She won't harm herself I would say that every single gerbil/hamster/mouse and rat I have ever kept has done this at some point...if it worries you try putting some chew bars/toys in the cage, chances are she'll go back to what she likes though. My last gerbil....years ago now it was when my kids where little but anyway...he managed to get out his cage on night...next morning I came down an had a sense something was different ...heard a noise under the cooker and thought it was a mouse...so there I was huffing and chuffing...didn't give it a thought it was dark in my kitchen...anyway, the gerbil had got out of his cage....somehow managed to turn into a ninja , he'd managed to climb up the back of the cooker...chewed through the rope of the kitchen blind making it drop down leaving the place in darkness....ate through a bag of bread...leave little poop drops in a trail down the worktop...create loads of mess and finally settled in the draw under the cooker....how that bloody thing stayed alive for so long is beyond me he was a right little sh1t haha...good job I realised before I put a mouse trap down lol


----------



## Claire17 (Oct 27, 2014)

Thank you both for replying so quickly! I can't afford a new tank at the moment, but I like the idea of putting something on top that will make a noise. It might discourage her! It's tough mesh and it's on tight so I think she'll have a job to get through it but obviously I'll keep an eye on it and replace it as I need to. 

I've just put a bottle on top with some stuff in that should make a noise if she jumps up again. 

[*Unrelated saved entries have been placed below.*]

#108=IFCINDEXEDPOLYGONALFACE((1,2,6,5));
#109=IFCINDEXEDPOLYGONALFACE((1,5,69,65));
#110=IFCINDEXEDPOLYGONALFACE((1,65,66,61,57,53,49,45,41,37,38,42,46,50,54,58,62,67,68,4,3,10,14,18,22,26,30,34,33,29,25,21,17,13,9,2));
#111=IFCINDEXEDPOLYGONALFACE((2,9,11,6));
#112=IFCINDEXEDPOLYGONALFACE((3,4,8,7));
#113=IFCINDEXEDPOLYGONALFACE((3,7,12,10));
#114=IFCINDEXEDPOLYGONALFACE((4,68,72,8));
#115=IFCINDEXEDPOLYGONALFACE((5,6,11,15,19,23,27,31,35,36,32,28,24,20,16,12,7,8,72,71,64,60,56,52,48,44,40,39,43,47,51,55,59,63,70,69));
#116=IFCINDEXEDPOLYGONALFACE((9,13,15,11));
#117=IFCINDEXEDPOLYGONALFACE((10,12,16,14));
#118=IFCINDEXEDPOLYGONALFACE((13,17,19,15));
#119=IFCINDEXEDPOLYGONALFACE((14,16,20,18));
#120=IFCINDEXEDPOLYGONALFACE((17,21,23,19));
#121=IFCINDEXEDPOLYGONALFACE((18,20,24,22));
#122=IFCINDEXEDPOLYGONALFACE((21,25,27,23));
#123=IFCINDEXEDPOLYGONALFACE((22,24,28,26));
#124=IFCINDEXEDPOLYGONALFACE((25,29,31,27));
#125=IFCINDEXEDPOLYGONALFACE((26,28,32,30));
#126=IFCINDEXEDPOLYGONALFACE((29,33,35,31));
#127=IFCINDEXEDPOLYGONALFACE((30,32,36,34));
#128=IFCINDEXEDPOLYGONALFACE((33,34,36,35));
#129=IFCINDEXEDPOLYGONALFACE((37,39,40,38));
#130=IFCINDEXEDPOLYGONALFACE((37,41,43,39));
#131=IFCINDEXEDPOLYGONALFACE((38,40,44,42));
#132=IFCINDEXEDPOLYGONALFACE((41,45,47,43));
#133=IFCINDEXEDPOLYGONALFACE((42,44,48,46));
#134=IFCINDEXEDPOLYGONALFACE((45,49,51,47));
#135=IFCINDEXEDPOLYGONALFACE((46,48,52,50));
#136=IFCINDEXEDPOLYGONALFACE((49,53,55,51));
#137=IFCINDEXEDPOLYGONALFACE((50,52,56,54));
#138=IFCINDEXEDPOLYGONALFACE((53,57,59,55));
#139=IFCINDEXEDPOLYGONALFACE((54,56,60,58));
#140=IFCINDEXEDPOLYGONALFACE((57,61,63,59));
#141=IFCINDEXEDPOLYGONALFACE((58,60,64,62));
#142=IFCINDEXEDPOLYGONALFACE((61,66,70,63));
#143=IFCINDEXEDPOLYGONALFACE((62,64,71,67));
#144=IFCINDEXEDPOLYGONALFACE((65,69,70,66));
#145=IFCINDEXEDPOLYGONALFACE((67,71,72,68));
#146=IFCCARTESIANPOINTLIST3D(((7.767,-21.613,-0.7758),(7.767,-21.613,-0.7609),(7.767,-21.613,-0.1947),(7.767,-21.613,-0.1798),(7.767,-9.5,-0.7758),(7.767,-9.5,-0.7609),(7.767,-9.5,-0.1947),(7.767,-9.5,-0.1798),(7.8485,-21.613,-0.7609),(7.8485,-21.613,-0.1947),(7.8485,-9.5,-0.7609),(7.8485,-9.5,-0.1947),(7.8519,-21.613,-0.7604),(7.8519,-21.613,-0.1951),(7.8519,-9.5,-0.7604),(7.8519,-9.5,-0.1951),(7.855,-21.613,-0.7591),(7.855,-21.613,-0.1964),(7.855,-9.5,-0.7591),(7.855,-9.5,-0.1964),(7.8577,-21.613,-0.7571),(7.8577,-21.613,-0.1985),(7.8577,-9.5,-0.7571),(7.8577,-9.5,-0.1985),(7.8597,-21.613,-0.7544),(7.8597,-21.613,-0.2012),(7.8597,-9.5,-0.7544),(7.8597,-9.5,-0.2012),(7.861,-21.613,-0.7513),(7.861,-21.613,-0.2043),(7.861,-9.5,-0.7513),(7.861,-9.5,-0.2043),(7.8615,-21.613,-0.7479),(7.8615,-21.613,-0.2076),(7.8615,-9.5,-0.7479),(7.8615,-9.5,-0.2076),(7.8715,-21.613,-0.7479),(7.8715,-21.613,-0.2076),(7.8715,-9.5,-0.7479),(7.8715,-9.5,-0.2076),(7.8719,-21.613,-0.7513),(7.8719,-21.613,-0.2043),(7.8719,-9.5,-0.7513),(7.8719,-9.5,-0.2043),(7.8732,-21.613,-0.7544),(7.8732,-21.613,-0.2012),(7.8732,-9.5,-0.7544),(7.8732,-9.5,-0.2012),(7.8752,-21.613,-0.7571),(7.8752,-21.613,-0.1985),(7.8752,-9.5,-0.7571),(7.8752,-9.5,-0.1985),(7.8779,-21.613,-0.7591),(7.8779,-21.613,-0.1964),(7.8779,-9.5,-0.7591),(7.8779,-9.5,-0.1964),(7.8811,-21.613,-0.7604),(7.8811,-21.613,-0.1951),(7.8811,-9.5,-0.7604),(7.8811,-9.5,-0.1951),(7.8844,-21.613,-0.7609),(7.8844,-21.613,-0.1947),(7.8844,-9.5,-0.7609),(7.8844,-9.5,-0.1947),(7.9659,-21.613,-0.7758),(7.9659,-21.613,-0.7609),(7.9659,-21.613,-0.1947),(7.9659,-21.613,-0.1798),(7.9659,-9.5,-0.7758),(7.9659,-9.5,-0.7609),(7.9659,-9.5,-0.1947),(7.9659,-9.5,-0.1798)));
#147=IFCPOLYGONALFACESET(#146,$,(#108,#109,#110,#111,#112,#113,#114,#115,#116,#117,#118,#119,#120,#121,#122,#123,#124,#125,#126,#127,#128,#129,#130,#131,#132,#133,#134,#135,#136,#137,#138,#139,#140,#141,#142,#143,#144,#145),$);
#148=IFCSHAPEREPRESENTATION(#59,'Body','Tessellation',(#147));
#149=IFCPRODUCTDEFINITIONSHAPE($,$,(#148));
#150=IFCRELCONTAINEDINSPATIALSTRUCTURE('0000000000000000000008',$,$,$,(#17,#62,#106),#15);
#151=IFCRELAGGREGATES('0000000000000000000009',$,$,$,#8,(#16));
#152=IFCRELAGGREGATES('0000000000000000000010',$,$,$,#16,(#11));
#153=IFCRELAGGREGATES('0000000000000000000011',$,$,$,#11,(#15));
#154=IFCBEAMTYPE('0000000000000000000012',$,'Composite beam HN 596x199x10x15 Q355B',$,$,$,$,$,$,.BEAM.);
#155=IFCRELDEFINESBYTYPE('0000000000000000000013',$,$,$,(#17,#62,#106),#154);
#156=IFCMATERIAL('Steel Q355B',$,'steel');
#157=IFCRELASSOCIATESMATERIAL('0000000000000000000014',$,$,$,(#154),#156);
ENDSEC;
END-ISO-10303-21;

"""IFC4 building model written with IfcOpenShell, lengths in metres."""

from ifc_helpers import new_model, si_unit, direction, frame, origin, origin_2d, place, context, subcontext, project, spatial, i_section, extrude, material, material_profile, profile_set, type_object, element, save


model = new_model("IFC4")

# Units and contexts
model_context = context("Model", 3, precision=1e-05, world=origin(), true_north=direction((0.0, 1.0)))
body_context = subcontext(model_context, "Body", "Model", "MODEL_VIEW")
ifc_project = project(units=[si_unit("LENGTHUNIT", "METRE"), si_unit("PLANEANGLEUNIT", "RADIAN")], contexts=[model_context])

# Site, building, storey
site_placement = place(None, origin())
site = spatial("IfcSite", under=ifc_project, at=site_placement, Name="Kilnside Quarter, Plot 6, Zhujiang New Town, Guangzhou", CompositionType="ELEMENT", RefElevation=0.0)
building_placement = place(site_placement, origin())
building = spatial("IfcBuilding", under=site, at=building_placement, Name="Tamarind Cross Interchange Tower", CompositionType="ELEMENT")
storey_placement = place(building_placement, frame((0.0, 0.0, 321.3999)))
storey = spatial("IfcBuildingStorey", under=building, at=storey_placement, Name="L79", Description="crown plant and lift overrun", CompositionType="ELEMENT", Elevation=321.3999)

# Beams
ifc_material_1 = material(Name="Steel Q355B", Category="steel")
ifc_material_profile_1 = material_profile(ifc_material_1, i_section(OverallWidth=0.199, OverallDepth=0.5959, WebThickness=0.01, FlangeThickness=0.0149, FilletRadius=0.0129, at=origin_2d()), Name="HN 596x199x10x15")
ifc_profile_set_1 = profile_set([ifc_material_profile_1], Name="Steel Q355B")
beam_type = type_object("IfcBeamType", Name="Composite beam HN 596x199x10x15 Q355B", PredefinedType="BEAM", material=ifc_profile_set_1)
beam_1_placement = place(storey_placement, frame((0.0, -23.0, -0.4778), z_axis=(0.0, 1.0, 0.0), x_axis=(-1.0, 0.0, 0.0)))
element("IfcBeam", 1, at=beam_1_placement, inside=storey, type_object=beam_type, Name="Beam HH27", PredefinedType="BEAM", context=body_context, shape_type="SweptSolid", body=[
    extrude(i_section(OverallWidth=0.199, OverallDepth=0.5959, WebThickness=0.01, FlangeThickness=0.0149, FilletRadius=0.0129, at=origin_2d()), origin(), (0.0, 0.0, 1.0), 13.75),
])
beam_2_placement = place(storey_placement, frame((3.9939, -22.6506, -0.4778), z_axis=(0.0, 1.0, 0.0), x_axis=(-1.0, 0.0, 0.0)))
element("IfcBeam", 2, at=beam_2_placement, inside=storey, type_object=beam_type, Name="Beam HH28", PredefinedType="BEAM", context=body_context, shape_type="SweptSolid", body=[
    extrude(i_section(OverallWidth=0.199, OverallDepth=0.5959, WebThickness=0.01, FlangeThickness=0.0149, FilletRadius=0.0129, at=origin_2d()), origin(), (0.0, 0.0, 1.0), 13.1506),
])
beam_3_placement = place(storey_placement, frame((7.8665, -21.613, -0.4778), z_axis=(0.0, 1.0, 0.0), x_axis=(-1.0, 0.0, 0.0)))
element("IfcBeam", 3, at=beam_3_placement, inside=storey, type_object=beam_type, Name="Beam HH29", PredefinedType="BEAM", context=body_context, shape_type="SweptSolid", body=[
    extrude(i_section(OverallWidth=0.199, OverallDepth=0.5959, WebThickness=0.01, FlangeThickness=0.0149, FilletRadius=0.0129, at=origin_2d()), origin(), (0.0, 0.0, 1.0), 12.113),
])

She's a little trouble maker!


----------



## Clare7435 (Dec 17, 2009)

Claire17 said:


> Thank you both for replying so quickly! I can't afford a new tank at the moment, but I like the idea of putting something on top that will make a noise. It might discourage her! It's tough mesh and it's on tight so I think she'll have a job to get through it but obviously I'll keep an eye on it and replace it as I need to.
> 
> I've just put a bottle on top with some stuff in that should make a noise if she jumps up again.
> 
> She's a little trouble maker!


They are...if there's mischief to be found they will find it, the way they chew though it's doubtful that they would make cages like that if chewing it would harm them, she'll be keeping her teeth down tat's all. My lads rat got out his cage a few weeks ago and chewed through his favourite top...then the next morning he woke up with him sat on top of him staring him in the face, so of course me being me told him stories on how he was lucky he woke up before Ziggy chewed off his nose....next thing I know the rat is in his cage on top of the dining room table haha...taught me not to wind up a 20 yr old with aspergers lol


----------



## Timern (Feb 17, 2015)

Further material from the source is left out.